Similarly, the short Fever sets up a good premise as an inter-racial couple head to one guy's house for his mother's birthday party, before underlying issues in their relationship come to the fore. The explosive finale plays out as rather am-dram and totally undercuts the build-up of tension that precedes it. Quite disappointing.  

Tuesday, March 22, 2022

BFI Flare: Queering the Archive

 Almost a week into the festival and I have finally completed a feature! And what a film! Ultraviolette and the Blood Spitters Gang is a French art doc with an extraordinary backstory. Director Robin Hunzinger collaborated with his mother Claudie to tell the story of Emma and Marcelle, two young women who met in 1923 and had a love affair which played out in the latter stages in letters sent by Marcelle to Emma (Robin's grandmother and Claudie's mother). After Emma's death, the two descendants found the letters and have used them to narrate this beautifully realised, affecting story of persistent desire. 

It took me awhile to realise most of the images were not of the two lovers but from found footage also also from art films. I recognised scenes from Meshes of the Afternoon and dchen in Uniform but the credits revealed work by Leger, Dulac and Moholy-Nagy as well. It's a bold move to drop those into such a personal story. I also admired the strong use of archive footage, the queering of images of women in the countryside, women dancing, women on bicycles, women wearing ties. This was truly a queering of the archive. 

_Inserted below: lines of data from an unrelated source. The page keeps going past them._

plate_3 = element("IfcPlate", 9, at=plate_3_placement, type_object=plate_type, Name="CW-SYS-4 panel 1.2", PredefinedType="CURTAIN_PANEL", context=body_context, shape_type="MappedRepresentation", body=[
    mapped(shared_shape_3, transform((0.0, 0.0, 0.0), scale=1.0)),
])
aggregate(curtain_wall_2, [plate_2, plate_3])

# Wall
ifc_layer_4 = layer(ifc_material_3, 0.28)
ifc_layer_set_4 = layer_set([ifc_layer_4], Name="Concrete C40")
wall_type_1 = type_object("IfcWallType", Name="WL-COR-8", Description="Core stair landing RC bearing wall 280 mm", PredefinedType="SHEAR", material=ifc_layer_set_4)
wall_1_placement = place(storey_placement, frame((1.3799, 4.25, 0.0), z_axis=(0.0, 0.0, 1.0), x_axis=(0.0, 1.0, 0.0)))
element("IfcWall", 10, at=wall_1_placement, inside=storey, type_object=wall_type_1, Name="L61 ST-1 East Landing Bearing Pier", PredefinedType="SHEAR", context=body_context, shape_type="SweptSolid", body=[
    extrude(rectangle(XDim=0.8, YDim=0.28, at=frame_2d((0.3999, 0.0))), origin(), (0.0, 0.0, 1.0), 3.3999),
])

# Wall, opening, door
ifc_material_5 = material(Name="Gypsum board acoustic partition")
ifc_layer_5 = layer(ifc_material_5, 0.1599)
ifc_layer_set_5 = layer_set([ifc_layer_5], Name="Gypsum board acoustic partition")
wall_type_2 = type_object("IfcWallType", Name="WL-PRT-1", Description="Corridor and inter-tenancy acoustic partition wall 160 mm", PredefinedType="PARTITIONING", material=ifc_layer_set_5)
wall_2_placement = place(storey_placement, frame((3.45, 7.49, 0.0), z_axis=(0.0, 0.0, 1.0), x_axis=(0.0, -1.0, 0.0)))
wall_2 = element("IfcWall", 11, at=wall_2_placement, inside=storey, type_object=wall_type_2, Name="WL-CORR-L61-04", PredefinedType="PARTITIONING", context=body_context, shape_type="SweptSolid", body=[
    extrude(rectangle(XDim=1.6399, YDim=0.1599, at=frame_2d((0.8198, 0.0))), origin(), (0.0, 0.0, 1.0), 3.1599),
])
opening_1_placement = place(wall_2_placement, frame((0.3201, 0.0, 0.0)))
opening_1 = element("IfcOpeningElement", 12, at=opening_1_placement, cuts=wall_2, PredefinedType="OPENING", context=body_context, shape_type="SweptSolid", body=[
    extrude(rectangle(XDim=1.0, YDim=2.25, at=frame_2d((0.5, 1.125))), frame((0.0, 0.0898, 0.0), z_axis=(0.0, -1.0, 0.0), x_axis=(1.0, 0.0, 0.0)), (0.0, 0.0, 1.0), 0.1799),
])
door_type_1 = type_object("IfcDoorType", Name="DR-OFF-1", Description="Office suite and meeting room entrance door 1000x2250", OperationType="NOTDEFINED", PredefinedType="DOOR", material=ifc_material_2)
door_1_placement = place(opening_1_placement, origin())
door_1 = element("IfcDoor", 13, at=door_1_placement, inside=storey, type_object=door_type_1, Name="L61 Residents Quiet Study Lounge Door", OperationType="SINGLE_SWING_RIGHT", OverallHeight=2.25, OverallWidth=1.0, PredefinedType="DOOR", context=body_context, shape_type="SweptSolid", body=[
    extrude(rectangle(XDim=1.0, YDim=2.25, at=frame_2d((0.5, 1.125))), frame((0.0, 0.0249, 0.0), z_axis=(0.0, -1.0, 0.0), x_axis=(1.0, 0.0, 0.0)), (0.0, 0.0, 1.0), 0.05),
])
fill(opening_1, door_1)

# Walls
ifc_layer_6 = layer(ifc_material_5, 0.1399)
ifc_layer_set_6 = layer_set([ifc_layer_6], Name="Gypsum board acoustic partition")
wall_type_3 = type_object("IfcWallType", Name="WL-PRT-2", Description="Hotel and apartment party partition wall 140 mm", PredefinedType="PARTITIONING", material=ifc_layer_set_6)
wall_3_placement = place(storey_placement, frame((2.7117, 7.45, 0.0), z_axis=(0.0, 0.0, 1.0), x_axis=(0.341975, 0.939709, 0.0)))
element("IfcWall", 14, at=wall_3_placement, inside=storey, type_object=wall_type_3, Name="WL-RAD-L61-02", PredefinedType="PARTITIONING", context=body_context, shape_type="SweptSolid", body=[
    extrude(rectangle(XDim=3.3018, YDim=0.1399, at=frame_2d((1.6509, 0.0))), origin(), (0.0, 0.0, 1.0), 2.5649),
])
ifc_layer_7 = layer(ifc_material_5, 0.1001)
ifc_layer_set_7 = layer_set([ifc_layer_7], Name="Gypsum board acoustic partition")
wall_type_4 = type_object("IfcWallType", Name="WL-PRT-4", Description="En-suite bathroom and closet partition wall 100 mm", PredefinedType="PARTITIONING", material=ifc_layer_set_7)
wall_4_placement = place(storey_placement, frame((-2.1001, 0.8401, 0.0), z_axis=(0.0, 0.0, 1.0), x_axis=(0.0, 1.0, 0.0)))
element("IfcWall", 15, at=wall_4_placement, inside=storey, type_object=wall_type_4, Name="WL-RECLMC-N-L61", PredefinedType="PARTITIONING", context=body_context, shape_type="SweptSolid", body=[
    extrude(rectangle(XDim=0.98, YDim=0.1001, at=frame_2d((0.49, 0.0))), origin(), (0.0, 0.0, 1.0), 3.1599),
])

Separated by work and academic commitments, Marcelle writes passionately about her feelings for Emma but also about her own life philosophy, stating she has "le goût de la vie". Diagnosed with tuberculosis, she finds herself confined to a sanatorium, where she meets three other rebellious young women and the four of them form a gang. A very queer gang. Marcelle, despite her love for Emma, is quite happy to play the seducer and even brags about it in her letters. Who knew a sanatorium could be such a pick-up joint, especially in 1928?

There are resonances for current day concerns: young women lying in beds in close proximity, attended by doctors, none of them wearing masks. Young women facing death from a communicable illness. Marcelle writes of her friends facing death, which she refuses. She wonders if a lost friend will return to visit. She has the most brilliant way with words, and one wonders if she went on to become a writer, as one of her friends did. 

Needless to say, there can be no really happy ending, not with fatal illness and impending world war. I felt shaken at the end and thrilled to have made the acquaintance of such vibrant beings from another time.

Saturday, March 19, 2022

BFI Flare: Shortsighted

 By now I would have hoped to have seen several films and be mulling over themes arising in ye olde fest. But, owing to technical problems, I have not seen any features and only a handful of shorts, all of them available online for free. 

Among this year's crop of Five Films for Freedom is the evocative Frozen Out (dir Hao Zhou), an arty exploration of dislocation through a series of gorgeous static shots of a man marching through snowy settings while a voiceover asks searching questions like "Where am I?". All five films are available to view until 27 March.

Among the shorts available on the BFI player is Do This For Me (dir Marnie Baxter), which unfolds as a bit of a mystery as five women gather in someone's home and record a series of videos addressed to a missing member of their group. This felt a bit like a web series to me and the ending is a bit abrupt, but the women's gossipy interplay is quite well done.